Sentenza Danske Spil: Ladbrokes Non Vince Più

Sentenza Danske Spil: Ladbrokes Non Vince Più

Scritto il 18/01/12 - da Giacomo Gaggiotti Notizie

Le campagne di marketing erano contrarie alle leggi sulla commercializzazione. In appello tutto stravolto: Ladbrokes sconfitta, aveva ragione la Danske Spil.

La Danimarca è entrata nel mondo del gioco d’azzardo legale dal primo gennaio 2012 ma già sta facendo parlare tanto di se. Questi giorni il gioco danese è tornato indietro al 2008 a quando ancora il betting non era legalizzato, ma la campagna del gruppo britannico violò la legge sulla commercializzazione.

Il "ribaltone"

Sentenza rovesciata, quella dell’Alta Corte di Danimarca: prima aveva dato ragione alla Ladbrokes, ora invece ha dato l’esclusiva alla Danske Spil sulle parole “Gioco” e “Danese” che, guarda caso, si traducono proprio Danske Spil.

Rompere il monopolio

E pensare che la nuova regolamentazione sul gioco  avrebbe dovuto mettere fine al monopolio di stato della società Danske Spil, che dura da ben 60 anni. E nel 2007, la Commissione Europea aveva avviato una procedura di infrazione contro la Danimarca a causa delle restrizioni all'offerta di servizi per la raccolta di gioco. 

Le porte sul nuovo mercato sarebbero state spalancate agli operatori interessati ad acquistare una licenza per il gioco d'azzardo per una somma compresa tra 403 mila e 537 mila euro all'anno.

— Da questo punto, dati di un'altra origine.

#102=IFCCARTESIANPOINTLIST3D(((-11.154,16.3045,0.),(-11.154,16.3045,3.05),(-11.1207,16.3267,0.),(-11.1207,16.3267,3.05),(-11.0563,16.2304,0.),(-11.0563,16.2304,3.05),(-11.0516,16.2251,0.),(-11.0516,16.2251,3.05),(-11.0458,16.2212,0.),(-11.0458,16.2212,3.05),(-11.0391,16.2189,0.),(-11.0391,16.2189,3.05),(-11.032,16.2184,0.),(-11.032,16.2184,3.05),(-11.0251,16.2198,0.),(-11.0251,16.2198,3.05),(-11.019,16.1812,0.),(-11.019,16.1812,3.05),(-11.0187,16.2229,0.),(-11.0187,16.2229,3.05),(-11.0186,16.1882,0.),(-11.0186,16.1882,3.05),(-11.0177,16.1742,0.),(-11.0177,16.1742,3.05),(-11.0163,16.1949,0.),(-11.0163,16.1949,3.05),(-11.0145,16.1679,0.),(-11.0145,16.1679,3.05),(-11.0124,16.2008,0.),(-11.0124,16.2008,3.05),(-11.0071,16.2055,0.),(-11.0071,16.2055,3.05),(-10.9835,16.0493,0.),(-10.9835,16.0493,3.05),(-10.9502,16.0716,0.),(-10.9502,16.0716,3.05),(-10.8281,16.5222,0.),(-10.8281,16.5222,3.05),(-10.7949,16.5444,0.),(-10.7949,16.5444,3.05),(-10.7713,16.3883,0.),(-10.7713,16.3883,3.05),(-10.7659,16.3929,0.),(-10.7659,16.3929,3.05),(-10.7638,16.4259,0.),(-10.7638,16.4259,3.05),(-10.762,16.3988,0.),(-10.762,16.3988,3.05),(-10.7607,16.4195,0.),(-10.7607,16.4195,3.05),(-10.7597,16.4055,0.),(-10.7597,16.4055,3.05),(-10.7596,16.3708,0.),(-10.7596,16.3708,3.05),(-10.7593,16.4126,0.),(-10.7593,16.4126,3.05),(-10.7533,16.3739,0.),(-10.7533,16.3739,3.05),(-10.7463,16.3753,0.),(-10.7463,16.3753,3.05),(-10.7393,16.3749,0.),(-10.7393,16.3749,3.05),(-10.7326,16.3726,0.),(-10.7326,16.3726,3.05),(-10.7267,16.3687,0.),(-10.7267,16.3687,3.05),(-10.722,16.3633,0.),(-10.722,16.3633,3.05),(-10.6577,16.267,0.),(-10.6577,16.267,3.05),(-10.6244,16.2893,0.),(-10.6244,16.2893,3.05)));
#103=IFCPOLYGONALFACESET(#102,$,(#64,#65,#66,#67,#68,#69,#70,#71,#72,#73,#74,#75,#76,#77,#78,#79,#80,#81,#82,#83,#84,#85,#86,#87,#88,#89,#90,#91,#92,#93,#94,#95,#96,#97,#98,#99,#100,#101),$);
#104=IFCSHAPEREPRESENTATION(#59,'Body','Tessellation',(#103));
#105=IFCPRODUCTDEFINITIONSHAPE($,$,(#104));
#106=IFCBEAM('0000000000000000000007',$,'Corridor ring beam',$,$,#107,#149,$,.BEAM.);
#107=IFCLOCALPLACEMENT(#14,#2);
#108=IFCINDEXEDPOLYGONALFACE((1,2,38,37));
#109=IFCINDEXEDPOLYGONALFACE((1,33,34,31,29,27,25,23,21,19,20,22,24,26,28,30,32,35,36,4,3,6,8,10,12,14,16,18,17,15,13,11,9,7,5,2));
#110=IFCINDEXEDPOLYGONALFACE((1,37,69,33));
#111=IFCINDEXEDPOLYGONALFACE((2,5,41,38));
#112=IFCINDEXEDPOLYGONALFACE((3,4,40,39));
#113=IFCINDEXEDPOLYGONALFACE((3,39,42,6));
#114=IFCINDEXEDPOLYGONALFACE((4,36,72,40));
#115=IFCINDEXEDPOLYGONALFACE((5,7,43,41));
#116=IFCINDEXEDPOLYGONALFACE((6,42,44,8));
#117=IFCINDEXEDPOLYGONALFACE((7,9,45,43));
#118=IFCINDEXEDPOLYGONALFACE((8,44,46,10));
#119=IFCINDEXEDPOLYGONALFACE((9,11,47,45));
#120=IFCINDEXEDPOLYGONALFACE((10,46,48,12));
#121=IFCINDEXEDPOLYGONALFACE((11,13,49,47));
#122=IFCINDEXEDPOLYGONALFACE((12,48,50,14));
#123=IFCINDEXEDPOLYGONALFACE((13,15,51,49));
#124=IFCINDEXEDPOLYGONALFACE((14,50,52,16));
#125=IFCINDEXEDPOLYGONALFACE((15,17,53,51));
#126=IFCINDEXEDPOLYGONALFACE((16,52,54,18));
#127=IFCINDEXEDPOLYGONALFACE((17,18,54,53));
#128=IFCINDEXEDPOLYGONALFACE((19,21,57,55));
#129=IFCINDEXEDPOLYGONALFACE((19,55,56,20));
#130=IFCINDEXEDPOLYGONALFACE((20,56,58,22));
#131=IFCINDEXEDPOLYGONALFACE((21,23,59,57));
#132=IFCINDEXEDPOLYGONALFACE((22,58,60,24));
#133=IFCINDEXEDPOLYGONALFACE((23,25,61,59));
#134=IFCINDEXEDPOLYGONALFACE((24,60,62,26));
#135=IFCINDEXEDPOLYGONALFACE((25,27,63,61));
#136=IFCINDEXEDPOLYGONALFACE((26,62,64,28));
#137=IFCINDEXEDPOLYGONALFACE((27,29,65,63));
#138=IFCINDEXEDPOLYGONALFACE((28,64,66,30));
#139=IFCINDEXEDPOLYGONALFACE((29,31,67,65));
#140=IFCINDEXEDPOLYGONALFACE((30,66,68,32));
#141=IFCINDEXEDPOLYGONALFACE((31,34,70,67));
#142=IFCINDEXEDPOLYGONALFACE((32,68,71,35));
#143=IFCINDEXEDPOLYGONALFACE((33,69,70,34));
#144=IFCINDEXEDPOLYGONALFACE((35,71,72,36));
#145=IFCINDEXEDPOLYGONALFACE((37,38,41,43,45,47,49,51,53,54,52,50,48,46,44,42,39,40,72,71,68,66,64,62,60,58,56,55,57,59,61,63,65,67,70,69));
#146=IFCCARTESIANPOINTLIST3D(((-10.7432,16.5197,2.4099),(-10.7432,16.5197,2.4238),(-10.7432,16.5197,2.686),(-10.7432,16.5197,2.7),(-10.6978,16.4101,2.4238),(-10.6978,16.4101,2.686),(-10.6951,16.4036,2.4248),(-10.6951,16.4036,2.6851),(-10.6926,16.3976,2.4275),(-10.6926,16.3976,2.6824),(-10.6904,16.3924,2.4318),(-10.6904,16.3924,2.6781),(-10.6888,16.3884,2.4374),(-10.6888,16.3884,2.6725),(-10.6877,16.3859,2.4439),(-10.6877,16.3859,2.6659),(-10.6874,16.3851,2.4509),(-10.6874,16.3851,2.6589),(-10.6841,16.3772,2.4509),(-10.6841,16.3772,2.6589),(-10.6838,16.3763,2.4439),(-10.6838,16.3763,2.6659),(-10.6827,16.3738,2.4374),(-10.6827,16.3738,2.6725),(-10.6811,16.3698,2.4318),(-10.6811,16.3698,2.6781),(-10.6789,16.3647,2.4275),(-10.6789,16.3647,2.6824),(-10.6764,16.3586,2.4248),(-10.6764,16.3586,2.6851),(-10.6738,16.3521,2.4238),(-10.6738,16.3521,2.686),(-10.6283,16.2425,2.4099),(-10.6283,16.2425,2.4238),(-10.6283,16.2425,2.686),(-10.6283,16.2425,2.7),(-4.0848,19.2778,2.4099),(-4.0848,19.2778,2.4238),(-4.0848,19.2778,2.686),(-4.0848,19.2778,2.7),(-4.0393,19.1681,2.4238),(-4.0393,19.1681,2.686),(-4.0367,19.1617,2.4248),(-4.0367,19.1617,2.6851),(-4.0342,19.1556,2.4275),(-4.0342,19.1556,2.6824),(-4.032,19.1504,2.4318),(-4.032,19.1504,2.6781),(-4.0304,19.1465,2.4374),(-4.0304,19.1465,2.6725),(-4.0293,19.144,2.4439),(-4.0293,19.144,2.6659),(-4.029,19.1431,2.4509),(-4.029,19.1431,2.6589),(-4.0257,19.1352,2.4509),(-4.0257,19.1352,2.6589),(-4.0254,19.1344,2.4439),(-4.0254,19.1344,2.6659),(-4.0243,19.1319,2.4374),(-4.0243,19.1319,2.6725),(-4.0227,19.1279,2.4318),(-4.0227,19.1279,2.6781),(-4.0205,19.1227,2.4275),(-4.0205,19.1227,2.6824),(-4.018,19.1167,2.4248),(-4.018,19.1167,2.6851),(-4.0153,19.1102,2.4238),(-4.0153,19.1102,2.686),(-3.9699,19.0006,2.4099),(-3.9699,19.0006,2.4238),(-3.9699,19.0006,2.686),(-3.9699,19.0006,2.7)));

La concorrenza degli inglesi

L'alto costo delle licenze non era alla portata di molti piccoli operatori, quindi il mercato non sarebbe stato soffocato, e avrebbe favorito le grandi società, come la Ladbrokes. Peccato che lo slogan britannico abbia dato fastidio al colosso danese: “"Danske Spil Engelske Odds", vale a dire “giochi (o probabilità) danese, scommessa inglese”.

Lo stato danese ha dovuto modificare una legge che aveva varato poco tempo fa, a causa del parare negativo della Commissione Europea. Ma cosa dichiarava questa legge? Molto semplicemente che una qualsiasi azienda che volesse entrare in affari nel mercato del gioco d’azzardo danese, doveva avere una sede fisica in Danimarca.

La cosa aveva fatto storcere il naso a molti, ma gli organi istituzionali danesi non avevano voluto sentire ragione, e sono quindi andati avanti per la loro strada. Purtroppo, per loro, questa decisione li ha portati a scontrarsi con la Commissione Europea.

E’ curioso che una nazione ritenuta tra le più competitive, quando si parla di poker, abbia deciso di varare una legge così restrittiva. Ancor più se si considera che diverse nazioni, che inizialmente avevano deciso di ostacolare il gioco d’azzardo in ogni modo, vedi Stati Uniti d’America, stanno riconsiderando le decisioni prese.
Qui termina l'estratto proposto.